Alternative titles; symbols
HGNC Approved Gene Symbol: STN1
Cytogenetic location: 10q24.33 Genomic coordinates (GRCh38) : 10:103,877,569-103,918,184 (from NCBI)
| Location | Phenotype |
Phenotype MIM number |
Inheritance |
Phenotype mapping key |
|---|---|---|---|---|
| 10q24.33 | Cerebroretinal microangiopathy with calcifications and cysts 2 | 617341 | Autosomal recessive | 3 |
The STN1 gene encodes a member of the human CTC1 (613129)-STN1- TEN1 (613130) (CST) complex, which plays a role in telomere C-strand synthesis as well as in genomewide replication and the recovery from replication stress (Miyake et al., 2009; summary by Simon et al., 2016).
Casteel et al. (2009) cloned mouse Obfc1, which they called Aaf44. The deduced 378-amino acid protein contains an oligonucleotide/oligosaccharide-binding (OB) fold domain that is predicted to bind single-stranded DNA (ssDNA). Database analysis revealed Aaf44 orthologs in several species, including human. The human AAF44 protein shares 71% identity with mouse Aaf44, with highest conservation in the OB fold domain. Northern blot analysis detected low and variable Aaf44 expression in several mouse tissues. Endogenous Aaf44 protein had an apparent molecular mass of 44 kD by SDS-PAGE. Aaf44 and Aaf132 (Ctc1; 613129) colocalized in nuclei of transfected synchronized HeLa cells, with exclusion from nucleoli. The 2 proteins colocalized with PCNA (176740), presumably within DNA replication foci.
By searching databases for sequences similar to S. pombe Stn1, followed by RT-PCR of HeLa cell mRNA, Miyake et al. (2009) cloned OBFC1, which they called STN1. The deduced 368-amino acid protein contains an N-terminal OB fold. Immunohistochemical analysis and FISH revealed that STN1 colocalized with telomeric DNA. It did not appear to localize with replication foci.
Hartz (2009) mapped the STN1 gene to chromosome 10q24.33 based on an alignment of the STN1 sequence (GenBank AK026212) with the genomic sequence (GRCh37).
Casteel et al. (2009) mapped the mouse Stn1 gene to chromosome 19.
Cryoelectron Microscopy
The CTC1 (613129)-STN1-TEN1 (613130) complex, also known as the CST complex, is essential for telomere maintenance and resolution of stalled replication forks genomewide. Lim et al. (2020) reported the 3.0-angstrom cryoelectron microscopy structure of human CST bound to telomeric single-stranded DNA, which assembles as a decameric supercomplex. The atomic model of the 134-kD CTC1 subunit, built almost entirely de novo, revealed the overall architecture of CST and the DNA-binding anchor site. The carboxyl-terminal domain of STN1 interacts with CTC1 at 2 separate docking sites, allowing allosteric mediation of CST decamer assembly. Furthermore, ssDNA appears to staple 2 monomers to nucleate decamer assembly. CTC1 has stronger structural similarity to replication protein A (RPA; see 179835) than the expected similarity to yeast Cdc13. The decameric structure suggested that CST can organize ssDNA analogously to the nucleosome's organization of double-stranded DNA.
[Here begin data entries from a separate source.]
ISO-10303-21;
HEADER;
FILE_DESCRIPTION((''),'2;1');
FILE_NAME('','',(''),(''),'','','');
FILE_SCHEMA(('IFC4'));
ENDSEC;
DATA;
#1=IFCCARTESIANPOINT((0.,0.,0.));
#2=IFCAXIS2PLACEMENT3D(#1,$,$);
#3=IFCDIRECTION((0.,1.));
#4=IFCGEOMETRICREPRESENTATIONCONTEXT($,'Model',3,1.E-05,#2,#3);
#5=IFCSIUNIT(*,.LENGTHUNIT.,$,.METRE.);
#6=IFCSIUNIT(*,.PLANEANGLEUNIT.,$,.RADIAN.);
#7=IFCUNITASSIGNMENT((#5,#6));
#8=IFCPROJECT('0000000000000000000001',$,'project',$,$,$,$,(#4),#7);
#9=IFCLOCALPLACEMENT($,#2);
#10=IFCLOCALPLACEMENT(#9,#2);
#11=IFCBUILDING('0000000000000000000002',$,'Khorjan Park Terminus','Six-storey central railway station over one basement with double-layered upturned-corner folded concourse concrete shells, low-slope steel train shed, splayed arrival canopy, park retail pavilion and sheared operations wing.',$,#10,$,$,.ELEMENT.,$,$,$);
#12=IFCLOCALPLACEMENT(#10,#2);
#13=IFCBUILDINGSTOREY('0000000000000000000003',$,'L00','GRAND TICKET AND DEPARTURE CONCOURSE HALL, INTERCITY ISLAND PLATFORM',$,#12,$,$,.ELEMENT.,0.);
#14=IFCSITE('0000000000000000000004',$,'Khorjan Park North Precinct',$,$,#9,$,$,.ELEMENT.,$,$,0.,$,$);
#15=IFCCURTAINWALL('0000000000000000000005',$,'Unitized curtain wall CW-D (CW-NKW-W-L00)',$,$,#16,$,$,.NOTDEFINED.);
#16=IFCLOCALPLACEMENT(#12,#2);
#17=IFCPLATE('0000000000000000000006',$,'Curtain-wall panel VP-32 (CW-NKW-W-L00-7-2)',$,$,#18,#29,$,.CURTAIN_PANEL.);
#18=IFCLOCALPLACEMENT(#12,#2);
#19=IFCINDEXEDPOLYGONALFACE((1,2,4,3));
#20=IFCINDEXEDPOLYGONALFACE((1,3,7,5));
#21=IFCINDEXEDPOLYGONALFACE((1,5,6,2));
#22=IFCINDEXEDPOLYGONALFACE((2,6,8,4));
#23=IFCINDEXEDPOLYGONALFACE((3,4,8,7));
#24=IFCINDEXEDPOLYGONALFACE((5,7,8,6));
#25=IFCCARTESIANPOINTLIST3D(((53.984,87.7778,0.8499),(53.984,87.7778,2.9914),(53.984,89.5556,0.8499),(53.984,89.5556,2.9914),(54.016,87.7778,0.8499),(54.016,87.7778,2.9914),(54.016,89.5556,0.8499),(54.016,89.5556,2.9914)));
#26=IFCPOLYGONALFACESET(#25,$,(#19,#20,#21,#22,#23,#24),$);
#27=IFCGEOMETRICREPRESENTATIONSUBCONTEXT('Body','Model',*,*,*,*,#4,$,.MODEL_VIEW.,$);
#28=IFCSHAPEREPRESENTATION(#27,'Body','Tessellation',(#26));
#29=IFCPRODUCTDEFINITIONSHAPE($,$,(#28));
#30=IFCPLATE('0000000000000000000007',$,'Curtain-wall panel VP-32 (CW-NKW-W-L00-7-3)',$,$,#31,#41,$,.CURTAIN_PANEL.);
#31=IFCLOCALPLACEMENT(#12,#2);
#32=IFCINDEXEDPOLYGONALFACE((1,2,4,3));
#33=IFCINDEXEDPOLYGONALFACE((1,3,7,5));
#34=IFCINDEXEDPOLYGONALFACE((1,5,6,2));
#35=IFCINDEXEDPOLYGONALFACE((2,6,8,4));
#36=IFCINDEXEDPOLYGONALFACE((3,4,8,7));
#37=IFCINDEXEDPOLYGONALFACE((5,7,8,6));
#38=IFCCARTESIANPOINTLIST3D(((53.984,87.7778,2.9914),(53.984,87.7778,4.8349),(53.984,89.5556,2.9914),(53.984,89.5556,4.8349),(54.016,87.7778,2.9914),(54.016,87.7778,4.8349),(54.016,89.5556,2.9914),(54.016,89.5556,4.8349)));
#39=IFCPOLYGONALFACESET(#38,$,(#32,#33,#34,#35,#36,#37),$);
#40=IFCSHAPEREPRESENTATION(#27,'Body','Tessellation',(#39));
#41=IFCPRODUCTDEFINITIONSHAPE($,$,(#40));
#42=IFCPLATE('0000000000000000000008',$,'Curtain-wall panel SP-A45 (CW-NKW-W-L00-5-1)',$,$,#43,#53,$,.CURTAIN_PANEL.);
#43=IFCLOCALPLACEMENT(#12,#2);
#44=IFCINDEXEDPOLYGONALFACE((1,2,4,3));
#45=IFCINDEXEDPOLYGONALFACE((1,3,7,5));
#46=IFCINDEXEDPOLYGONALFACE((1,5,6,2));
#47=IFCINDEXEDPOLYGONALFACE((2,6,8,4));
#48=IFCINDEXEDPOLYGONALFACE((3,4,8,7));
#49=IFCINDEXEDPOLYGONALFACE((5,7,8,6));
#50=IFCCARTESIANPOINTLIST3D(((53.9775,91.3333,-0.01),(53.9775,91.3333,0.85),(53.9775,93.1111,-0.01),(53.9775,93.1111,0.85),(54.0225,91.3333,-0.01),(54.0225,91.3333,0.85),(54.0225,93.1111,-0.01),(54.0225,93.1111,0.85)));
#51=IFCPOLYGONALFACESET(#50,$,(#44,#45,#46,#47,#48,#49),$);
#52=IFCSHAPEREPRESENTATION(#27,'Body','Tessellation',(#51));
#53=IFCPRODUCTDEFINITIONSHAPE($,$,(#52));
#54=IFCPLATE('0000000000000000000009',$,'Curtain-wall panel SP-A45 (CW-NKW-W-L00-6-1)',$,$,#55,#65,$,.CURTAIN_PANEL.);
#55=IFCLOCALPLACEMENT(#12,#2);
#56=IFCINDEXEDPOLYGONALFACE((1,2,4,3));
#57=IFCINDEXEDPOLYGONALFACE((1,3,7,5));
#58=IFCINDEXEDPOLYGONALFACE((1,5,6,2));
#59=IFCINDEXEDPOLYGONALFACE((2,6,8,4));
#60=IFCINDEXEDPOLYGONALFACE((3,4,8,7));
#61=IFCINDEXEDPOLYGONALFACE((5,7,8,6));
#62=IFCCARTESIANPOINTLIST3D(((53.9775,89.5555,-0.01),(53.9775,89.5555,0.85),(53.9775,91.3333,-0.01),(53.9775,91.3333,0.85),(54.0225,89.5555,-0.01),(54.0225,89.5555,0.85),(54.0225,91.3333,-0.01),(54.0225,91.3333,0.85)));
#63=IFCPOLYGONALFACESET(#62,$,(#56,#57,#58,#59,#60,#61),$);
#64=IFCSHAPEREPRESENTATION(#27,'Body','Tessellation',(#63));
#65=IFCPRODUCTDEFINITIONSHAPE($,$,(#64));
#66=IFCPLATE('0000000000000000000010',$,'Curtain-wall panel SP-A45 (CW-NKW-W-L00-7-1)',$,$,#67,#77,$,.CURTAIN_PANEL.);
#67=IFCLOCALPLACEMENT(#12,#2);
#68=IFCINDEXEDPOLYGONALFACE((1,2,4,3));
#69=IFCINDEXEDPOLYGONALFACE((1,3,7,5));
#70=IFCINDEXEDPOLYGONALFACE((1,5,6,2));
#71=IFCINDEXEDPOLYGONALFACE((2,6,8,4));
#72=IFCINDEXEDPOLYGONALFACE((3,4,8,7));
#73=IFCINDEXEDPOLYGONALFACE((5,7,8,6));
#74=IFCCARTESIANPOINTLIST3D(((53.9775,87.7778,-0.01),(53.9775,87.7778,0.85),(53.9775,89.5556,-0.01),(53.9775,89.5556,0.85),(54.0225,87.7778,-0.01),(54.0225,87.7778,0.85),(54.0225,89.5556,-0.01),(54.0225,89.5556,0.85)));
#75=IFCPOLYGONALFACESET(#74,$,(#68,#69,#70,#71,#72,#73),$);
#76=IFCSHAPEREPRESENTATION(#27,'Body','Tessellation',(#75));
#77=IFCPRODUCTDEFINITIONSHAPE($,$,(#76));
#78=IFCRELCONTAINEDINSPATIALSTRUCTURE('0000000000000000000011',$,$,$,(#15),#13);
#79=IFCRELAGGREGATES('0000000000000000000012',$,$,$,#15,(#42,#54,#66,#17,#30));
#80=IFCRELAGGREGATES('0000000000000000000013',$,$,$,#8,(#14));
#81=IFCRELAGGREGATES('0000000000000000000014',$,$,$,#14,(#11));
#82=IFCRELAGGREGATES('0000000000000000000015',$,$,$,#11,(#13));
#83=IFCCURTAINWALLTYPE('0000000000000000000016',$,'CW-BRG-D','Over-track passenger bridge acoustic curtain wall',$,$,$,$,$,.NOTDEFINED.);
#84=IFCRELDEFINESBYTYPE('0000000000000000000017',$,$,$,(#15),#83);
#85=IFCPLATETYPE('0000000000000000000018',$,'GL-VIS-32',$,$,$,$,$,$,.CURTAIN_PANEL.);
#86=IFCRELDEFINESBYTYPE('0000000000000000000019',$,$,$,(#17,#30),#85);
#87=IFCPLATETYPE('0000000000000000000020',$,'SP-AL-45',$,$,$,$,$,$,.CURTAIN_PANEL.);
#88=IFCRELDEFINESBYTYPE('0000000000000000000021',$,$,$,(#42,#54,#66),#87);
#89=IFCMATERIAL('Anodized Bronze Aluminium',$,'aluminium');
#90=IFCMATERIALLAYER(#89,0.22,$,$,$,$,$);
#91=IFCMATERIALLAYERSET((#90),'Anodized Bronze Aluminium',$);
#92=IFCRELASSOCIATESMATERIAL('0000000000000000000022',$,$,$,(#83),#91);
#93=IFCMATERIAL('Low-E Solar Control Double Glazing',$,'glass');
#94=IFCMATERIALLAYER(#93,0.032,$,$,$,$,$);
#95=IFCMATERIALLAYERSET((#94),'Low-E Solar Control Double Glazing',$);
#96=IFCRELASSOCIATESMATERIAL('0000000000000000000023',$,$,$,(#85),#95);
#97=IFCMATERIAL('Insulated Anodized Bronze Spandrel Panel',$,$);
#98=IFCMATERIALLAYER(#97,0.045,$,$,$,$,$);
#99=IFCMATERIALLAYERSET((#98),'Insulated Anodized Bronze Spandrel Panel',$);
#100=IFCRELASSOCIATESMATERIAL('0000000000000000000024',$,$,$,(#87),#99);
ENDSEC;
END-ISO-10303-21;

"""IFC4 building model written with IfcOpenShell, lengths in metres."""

from ifc_helpers import new_model, si_unit, direction, frame, origin, origin_2d, place, context, subcontext, project, spatial, rectangle, extrude, material, layer, layer_set, type_object, element, aggregate, save


model = new_model("IFC4")

# Units and contexts
model_context = context("Model", 3, precision=1e-05, world=origin(), true_north=direction((0.0, 1.0)))
body_context = subcontext(model_context, "Body", "Model", "MODEL_VIEW")
ifc_project = project(units=[si_unit("LENGTHUNIT", "METRE"), si_unit("PLANEANGLEUNIT", "RADIAN")], contexts=[model_context])

# Site, building, storey
site_placement = place(None, origin())
site = spatial("IfcSite", under=ifc_project, at=site_placement, Name="Khorjan Park North Precinct", CompositionType="ELEMENT", RefElevation=0.0)
building_placement = place(site_placement, origin())
building = spatial("IfcBuilding", under=site, at=building_placement, Name="Khorjan Park Terminus", Description="Six-storey central railway station over one basement with double-layered upturned-corner folded concourse concrete shells, low-slope steel train shed, splayed arrival canopy, park retail pavilion and sheared operations wing.", CompositionType="ELEMENT")
storey_placement = place(building_placement, origin())
storey = spatial("IfcBuildingStorey", under=building, at=storey_placement, Name="L00", Description="GRAND TICKET AND DEPARTURE CONCOURSE HALL, INTERCITY ISLAND PLATFORM", CompositionType="ELEMENT", Elevation=0.0)

# Curtain wall, plates
ifc_material_1 = material(Name="Anodized Bronze Aluminium", Category="aluminium")
ifc_layer_1 = layer(ifc_material_1, 0.22)
ifc_layer_set_1 = layer_set([ifc_layer_1], Name="Anodized Bronze Aluminium")
curtain_wall_type = type_object("IfcCurtainWallType", Name="CW-BRG-D", Description="Over-track passenger bridge acoustic curtain wall", PredefinedType="NOTDEFINED", material=ifc_layer_set_1)
curtain_wall_placement = place(storey_placement, origin())
curtain_wall = element("IfcCurtainWall", 1, at=curtain_wall_placement, inside=storey, type_object=curtain_wall_type, Name="Unitized curtain wall CW-D (CW-NKW-W-L00)", PredefinedType="NOTDEFINED")
ifc_material_2 = material(Name="Low-E Solar Control Double Glazing", Category="glass")
ifc_layer_2 = layer(ifc_material_2, 0.032)
ifc_layer_set_2 = layer_set([ifc_layer_2], Name="Low-E Solar Control Double Glazing")
plate_type_1 = type_object("IfcPlateType", Name="GL-VIS-32", PredefinedType="CURTAIN_PANEL", material=ifc_layer_set_2)
plate_1_placement = place(storey_placement, frame((54.0, 88.6667, 0.8499), z_axis=(0.0, 0.0, 1.0), x_axis=(0.0, -1.0, 0.0)))
plate_1 = element("IfcPlate", 2, at=plate_1_placement, type_object=plate_type_1, Name="Curtain-wall panel VP-32 (CW-NKW-W-L00-7-2)", PredefinedType="CURTAIN_PANEL", context=body_context, shape_type="SweptSolid", body=[
    extrude(rectangle(XDim=1.7778, YDim=0.032, at=origin_2d()), origin(), (0.0, 0.0, 1.0), 2.1415),
])
plate_2_placement = place(storey_placement, frame((54.0, 88.6667, 2.9914), z_axis=(0.0, 0.0, 1.0), x_axis=(0.0, -1.0, 0.0)))
plate_2 = element("IfcPlate", 3, at=plate_2_placement, type_object=plate_type_1, Name="Curtain-wall panel VP-32 (CW-NKW-W-L00-7-3)", PredefinedType="CURTAIN_PANEL", context=body_context, shape_type="SweptSolid", body=[
    extrude(rectangle(XDim=1.7778, YDim=0.032, at=origin_2d()), origin(), (0.0, 0.0, 1.0), 1.8435),
])
ifc_material_3 = material(Name="Insulated Anodized Bronze Spandrel Panel")
ifc_layer_3 = layer(ifc_material_3, 0.045)
ifc_layer_set_3 = layer_set([ifc_layer_3], Name="Insulated Anodized Bronze Spandrel Panel")
plate_type_2 = type_object("IfcPlateType", Name="SP-AL-45", PredefinedType="CURTAIN_PANEL", material=ifc_layer_set_3)
plate_3_placement = place(storey_placement, frame((54.0, 92.2222, -0.01), z_axis=(0.0, 0.0, 1.0), x_axis=(0.0, -1.0, 0.0)))
plate_3 = element("IfcPlate", 4, at=plate_3_placement, type_object=plate_type_2, Name="Curtain-wall panel SP-A45 (CW-NKW-W-L00-5-1)", PredefinedType="CURTAIN_PANEL", context=body_context, shape_type="SweptSolid", body=[
    extrude(rectangle(XDim=1.7778, YDim=0.045, at=origin_2d()), origin(), (0.0, 0.0, 1.0), 0.86),
])
plate_4_placement = place(storey_placement, frame((54.0, 90.4444, -0.01), z_axis=(0.0, 0.0, 1.0), x_axis=(0.0, -1.0, 0.0)))
plate_4 = element("IfcPlate", 5, at=plate_4_placement, type_object=plate_type_2, Name="Curtain-wall panel SP-A45 (CW-NKW-W-L00-6-1)", PredefinedType="CURTAIN_PANEL", context=body_context, shape_type="SweptSolid", body=[
    extrude(rectangle(XDim=1.7778, YDim=0.045, at=origin_2d()), origin(), (0.0, 0.0, 1.0), 0.86),
])
plate_5_placement = place(storey_placement, frame((54.0, 88.6667, -0.01), z_axis=(0.0, 0.0, 1.0), x_axis=(0.0, -1.0, 0.0)))
plate_5 = element("IfcPlate", 6, at=plate_5_placement, type_object=plate_type_2, Name="Curtain-wall panel SP-A45 (CW-NKW-W-L00-7-1)", PredefinedType="CURTAIN_PANEL", context=body_context, shape_type="SweptSolid", body=[
    extrude(rectangle(XDim=1.7778, YDim=0.045, at=origin_2d()), origin(), (0.0, 0.0, 1.0), 0.86),
])
aggregate(curtain_wall, [plate_3, plate_4, plate_5, plate_1, plate_2])

save(model, "model.ifc")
Using immunoprecipitation analysis, Casteel et al. (2009) showed that epitope-tagged mouse Aaf44 and Aaf132 interacted in transfected HEK293 cells. Expression of Aaf44 appeared to stabilize the Aaf132 protein. When expressed individually, Aaf44 and Aaf132 weakly bound single-stranded oligo(dC), but when expressed together, they showed strong ssDNA binding. When coexpressed, Aaf44 and Aaf132 formed an AAF complex that stimulated DNA primase activity by calf or human polymerase-alpha-primase (see 176636) on a poly(dT) template. Small interfering RNA directed against AAF44 in human cell lines inhibited DNA synthesis, but did not affect cell viability.
Using Western blot analysis of coimmunoprecipitated proteins and yeast 2-hybrid assays, Miyake et al. (2009) showed that STN1 interacted with CTC1 and TEN1 in a complex, which the authors called the CST complex. STN1 interacted with both CTC1 and TEN1, but CTC1 and TEN1 did not show significant interaction. The CST complex immunoprecipitated telomeric DNA, but not Alu repeat DNA, from HeLa cells. Only a fraction of telomeres associated with the CST complex, and association of the CST complex with telomeres did not vary during the cell cycle. The CST complex, but not its individual components, bound ssDNA with high affinity and in a sequence-independent manner. The CST complex appeared to protect telomeres independently of POT1 (606478). Knockdown studies suggested that the CST complex and POT1 play redundant roles in telomere protection.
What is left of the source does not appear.